Information Security Tip #5: Incident Response
Incident Response. Taking steps to protect personal information in your files and on your network can go a long way toward preventing a security breach. Nevertheless, breaches can happen. That’s why Altius IT recommends that organizations have a plan in place to respond to security incidents. Altius IT's tips on customizing your company’s security response plan include:
- Team. Senior management sets the tone for an organization’s commitment to data security. Designate a well-respected senior official to head up your response team.
- Plan. Once you’ve put together your response team, have them draft plans for how your business will respond to different types of security incidents. Sample scenarios may include a lost laptop, servers hacked, internal theft of data, etc.
- Timely. If your staff suspects a breach, investigate it immediately. Waiting days to convene a committee can waste precious time.
- Disconnect.

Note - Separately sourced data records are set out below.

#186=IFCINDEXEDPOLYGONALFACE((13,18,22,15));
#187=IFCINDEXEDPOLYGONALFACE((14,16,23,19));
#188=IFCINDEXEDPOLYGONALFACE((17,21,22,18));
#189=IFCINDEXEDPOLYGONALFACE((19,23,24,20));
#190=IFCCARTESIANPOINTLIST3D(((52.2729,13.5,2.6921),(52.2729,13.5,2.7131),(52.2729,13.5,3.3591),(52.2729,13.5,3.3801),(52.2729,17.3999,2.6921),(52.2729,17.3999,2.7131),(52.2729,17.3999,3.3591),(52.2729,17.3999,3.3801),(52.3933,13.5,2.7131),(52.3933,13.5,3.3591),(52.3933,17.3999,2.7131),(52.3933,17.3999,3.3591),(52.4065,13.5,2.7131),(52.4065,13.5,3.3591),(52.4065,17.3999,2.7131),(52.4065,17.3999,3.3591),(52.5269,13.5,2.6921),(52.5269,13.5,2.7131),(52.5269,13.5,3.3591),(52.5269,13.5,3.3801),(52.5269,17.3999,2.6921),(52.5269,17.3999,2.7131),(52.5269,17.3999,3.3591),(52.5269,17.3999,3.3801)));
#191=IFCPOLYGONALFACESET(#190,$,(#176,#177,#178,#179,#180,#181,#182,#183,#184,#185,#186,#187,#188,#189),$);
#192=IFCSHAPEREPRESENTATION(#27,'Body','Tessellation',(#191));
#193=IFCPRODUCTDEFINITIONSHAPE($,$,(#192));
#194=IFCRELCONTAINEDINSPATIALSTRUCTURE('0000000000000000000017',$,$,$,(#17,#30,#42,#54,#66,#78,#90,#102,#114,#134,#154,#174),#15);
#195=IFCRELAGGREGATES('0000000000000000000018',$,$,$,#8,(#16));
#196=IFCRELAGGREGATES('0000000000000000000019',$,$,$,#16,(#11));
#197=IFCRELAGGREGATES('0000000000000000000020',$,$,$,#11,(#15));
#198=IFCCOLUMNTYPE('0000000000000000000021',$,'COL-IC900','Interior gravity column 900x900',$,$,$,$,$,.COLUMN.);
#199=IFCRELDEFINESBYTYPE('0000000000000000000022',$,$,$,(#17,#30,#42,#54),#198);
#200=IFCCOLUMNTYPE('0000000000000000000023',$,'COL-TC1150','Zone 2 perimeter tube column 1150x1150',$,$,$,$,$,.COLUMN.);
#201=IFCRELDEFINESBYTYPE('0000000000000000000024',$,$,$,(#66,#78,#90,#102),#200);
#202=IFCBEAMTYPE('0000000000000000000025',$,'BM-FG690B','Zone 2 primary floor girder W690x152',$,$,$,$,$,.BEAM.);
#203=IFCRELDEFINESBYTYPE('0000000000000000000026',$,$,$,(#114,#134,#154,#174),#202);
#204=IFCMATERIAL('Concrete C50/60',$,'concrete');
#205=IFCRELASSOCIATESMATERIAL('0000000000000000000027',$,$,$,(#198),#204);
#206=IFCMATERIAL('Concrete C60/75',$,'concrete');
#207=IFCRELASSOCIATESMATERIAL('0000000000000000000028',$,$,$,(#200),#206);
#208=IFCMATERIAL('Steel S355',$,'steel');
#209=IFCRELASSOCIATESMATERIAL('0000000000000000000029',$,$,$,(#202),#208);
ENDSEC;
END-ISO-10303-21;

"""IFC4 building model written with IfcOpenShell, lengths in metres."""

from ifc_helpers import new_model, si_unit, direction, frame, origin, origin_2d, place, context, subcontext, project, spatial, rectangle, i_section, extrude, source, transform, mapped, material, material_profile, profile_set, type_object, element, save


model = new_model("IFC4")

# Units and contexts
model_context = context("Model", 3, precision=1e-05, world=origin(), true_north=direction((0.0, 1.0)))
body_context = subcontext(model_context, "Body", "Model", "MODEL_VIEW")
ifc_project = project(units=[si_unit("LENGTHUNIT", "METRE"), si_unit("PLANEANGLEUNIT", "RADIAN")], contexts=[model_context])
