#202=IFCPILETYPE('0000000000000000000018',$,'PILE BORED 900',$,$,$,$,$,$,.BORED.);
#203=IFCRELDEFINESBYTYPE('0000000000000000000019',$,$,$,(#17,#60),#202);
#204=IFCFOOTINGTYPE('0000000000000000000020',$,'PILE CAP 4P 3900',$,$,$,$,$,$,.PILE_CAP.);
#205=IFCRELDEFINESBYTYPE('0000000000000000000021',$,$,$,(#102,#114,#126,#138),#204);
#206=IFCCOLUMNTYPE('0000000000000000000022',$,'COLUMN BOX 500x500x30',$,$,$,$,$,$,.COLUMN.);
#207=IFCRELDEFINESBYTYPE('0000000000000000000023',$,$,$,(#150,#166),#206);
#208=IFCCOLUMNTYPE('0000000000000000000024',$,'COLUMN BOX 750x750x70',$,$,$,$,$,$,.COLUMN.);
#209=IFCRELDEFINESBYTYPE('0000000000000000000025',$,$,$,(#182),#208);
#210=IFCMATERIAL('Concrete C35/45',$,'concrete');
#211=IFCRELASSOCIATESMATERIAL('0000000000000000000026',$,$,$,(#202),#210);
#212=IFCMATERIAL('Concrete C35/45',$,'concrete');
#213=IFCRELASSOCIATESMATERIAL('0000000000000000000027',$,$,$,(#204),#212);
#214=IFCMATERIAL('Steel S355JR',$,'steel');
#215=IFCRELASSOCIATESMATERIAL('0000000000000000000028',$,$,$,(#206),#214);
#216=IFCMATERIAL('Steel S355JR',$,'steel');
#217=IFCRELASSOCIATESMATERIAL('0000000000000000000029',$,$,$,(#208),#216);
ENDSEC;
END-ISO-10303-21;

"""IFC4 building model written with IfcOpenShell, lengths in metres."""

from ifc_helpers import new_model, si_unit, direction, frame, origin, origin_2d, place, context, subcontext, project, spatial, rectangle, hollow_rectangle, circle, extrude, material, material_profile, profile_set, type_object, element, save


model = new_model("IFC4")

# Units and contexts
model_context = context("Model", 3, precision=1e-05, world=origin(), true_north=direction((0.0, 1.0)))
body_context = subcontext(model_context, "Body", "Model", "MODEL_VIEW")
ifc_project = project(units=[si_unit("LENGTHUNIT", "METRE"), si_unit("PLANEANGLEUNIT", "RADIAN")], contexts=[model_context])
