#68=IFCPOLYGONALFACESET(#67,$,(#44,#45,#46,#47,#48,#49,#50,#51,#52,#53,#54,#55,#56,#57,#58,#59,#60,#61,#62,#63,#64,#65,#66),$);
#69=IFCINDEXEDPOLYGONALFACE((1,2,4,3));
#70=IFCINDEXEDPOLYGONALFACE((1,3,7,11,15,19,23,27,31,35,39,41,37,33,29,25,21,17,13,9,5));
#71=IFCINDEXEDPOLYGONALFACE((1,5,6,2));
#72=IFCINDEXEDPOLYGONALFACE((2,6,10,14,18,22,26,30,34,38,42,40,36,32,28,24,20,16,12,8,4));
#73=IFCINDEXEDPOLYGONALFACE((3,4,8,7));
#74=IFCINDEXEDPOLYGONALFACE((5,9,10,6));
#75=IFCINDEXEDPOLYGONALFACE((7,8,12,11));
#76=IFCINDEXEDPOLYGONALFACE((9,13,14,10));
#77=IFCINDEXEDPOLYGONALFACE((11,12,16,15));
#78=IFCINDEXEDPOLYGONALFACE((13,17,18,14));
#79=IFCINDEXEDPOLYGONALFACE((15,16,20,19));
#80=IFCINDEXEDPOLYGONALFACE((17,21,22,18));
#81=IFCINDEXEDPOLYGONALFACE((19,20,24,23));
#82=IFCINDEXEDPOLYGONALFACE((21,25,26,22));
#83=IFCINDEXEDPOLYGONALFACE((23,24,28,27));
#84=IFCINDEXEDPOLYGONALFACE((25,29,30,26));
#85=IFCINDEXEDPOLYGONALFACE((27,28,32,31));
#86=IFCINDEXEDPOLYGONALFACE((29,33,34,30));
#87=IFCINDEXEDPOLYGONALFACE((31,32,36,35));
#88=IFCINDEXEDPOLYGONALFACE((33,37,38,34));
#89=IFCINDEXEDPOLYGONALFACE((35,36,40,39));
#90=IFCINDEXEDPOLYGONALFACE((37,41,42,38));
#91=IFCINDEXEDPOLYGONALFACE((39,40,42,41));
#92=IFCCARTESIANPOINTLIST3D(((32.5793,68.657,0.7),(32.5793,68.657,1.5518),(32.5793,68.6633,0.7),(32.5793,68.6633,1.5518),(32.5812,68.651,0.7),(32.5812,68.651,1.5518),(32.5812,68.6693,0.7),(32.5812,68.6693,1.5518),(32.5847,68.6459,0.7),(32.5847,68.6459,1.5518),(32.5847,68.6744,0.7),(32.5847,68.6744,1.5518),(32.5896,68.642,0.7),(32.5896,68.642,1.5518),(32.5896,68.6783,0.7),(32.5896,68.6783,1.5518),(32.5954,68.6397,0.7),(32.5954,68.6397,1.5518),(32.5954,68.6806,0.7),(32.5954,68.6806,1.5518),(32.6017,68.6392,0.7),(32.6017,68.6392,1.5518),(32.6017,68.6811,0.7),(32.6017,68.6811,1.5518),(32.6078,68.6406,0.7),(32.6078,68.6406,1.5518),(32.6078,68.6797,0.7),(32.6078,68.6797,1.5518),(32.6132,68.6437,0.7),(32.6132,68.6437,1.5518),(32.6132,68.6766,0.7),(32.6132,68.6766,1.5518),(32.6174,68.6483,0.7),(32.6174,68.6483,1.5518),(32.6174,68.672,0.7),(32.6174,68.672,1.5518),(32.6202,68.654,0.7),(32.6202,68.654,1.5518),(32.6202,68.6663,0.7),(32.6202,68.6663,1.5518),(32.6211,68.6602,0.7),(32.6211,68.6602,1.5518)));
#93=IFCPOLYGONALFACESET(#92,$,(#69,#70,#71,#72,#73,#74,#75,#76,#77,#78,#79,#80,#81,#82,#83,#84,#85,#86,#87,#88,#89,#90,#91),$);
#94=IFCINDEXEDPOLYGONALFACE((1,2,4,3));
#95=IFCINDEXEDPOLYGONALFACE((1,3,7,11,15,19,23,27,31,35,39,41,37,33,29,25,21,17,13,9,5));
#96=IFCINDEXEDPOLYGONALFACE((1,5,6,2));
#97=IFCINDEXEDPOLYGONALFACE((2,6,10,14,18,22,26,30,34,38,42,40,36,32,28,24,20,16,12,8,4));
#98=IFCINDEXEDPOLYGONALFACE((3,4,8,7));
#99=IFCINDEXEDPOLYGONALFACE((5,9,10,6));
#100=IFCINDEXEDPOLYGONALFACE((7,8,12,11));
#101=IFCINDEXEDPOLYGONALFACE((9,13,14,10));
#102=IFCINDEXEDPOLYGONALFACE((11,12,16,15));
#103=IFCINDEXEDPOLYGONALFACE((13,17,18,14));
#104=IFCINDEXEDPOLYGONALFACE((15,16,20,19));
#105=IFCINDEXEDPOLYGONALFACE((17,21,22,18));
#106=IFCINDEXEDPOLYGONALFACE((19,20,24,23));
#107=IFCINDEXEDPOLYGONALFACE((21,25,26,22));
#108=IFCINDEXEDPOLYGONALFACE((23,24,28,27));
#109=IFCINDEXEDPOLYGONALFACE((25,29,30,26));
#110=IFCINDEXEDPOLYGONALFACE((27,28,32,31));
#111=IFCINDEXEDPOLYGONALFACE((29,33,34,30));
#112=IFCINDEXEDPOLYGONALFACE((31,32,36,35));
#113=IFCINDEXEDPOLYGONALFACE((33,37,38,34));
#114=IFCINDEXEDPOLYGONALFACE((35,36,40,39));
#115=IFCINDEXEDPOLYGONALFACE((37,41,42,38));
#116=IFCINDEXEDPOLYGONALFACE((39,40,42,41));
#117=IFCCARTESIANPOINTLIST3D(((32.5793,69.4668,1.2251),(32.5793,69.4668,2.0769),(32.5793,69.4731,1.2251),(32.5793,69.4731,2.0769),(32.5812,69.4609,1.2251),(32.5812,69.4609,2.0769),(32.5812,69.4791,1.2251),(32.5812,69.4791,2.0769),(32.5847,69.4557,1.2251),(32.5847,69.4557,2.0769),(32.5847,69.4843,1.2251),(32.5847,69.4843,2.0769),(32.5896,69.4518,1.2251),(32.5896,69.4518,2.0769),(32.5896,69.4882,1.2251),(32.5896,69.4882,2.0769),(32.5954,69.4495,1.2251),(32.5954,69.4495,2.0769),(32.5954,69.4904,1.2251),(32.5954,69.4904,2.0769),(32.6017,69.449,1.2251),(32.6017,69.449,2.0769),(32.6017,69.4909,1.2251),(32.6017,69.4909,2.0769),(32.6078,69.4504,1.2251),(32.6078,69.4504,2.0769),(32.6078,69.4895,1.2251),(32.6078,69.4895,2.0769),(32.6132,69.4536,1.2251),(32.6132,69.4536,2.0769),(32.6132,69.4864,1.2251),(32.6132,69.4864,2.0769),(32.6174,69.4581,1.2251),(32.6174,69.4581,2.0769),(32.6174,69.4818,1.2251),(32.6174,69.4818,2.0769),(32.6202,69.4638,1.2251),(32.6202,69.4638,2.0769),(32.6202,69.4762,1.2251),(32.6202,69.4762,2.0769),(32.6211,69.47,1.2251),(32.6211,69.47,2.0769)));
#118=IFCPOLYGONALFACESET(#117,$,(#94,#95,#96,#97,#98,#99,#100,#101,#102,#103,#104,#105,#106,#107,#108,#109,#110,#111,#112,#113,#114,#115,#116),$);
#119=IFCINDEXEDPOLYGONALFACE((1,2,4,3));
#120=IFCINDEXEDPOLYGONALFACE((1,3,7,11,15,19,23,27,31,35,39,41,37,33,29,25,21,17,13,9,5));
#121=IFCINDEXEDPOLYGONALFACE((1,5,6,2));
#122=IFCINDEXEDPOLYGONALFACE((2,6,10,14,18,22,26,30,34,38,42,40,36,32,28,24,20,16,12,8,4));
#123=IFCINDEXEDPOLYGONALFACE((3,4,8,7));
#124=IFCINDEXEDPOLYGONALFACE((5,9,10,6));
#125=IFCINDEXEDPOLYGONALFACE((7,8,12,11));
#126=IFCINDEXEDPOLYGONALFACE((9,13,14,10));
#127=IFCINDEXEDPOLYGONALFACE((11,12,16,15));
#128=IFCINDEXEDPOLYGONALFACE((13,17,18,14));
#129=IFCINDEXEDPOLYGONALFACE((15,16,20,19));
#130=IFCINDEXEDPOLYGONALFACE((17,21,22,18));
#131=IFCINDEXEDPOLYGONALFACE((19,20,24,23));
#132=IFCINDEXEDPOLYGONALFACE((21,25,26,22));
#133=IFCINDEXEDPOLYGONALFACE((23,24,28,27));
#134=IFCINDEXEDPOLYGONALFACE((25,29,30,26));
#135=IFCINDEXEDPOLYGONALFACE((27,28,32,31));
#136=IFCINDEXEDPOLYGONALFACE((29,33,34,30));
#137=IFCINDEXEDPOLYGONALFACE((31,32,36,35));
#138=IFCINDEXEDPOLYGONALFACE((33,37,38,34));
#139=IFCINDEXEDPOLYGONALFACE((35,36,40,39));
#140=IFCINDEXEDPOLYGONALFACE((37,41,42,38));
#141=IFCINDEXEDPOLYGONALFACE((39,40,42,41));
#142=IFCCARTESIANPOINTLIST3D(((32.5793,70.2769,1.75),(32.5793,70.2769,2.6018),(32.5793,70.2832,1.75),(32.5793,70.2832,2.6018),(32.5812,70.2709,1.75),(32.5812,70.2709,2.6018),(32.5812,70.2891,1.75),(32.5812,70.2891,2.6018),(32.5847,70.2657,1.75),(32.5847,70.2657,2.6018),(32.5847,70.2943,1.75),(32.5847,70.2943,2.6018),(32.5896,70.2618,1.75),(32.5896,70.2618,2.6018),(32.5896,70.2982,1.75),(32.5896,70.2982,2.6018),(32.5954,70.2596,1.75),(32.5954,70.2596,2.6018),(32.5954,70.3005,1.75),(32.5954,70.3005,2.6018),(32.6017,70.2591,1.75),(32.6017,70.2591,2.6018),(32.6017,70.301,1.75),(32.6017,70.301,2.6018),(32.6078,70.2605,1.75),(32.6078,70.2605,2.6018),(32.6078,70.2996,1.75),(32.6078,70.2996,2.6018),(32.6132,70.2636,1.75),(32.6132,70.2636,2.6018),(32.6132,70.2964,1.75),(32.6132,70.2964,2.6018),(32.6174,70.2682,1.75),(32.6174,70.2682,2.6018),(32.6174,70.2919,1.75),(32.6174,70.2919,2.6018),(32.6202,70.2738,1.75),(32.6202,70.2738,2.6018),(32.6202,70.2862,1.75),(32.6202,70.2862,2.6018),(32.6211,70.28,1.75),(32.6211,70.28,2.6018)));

If you suspect a computer breach, immediately sever the compromised computer’s access to the Internet and to your network. To assess the impact, ask your IT staff to preserve any available network logs, file transfer logs, system logs, and access reports. Also investigate if intruders opened files or placed new programs on your computer.
- Contact. Consider whom to inform in the event of an incident, both inside and outside your company. You may need to notify consumers, law enforcement agencies, customers, credit bureaus, and other businesses that may be affected by the breach. In addition, about 40 states have laws addressing data breaches. Have that information on file before you need it.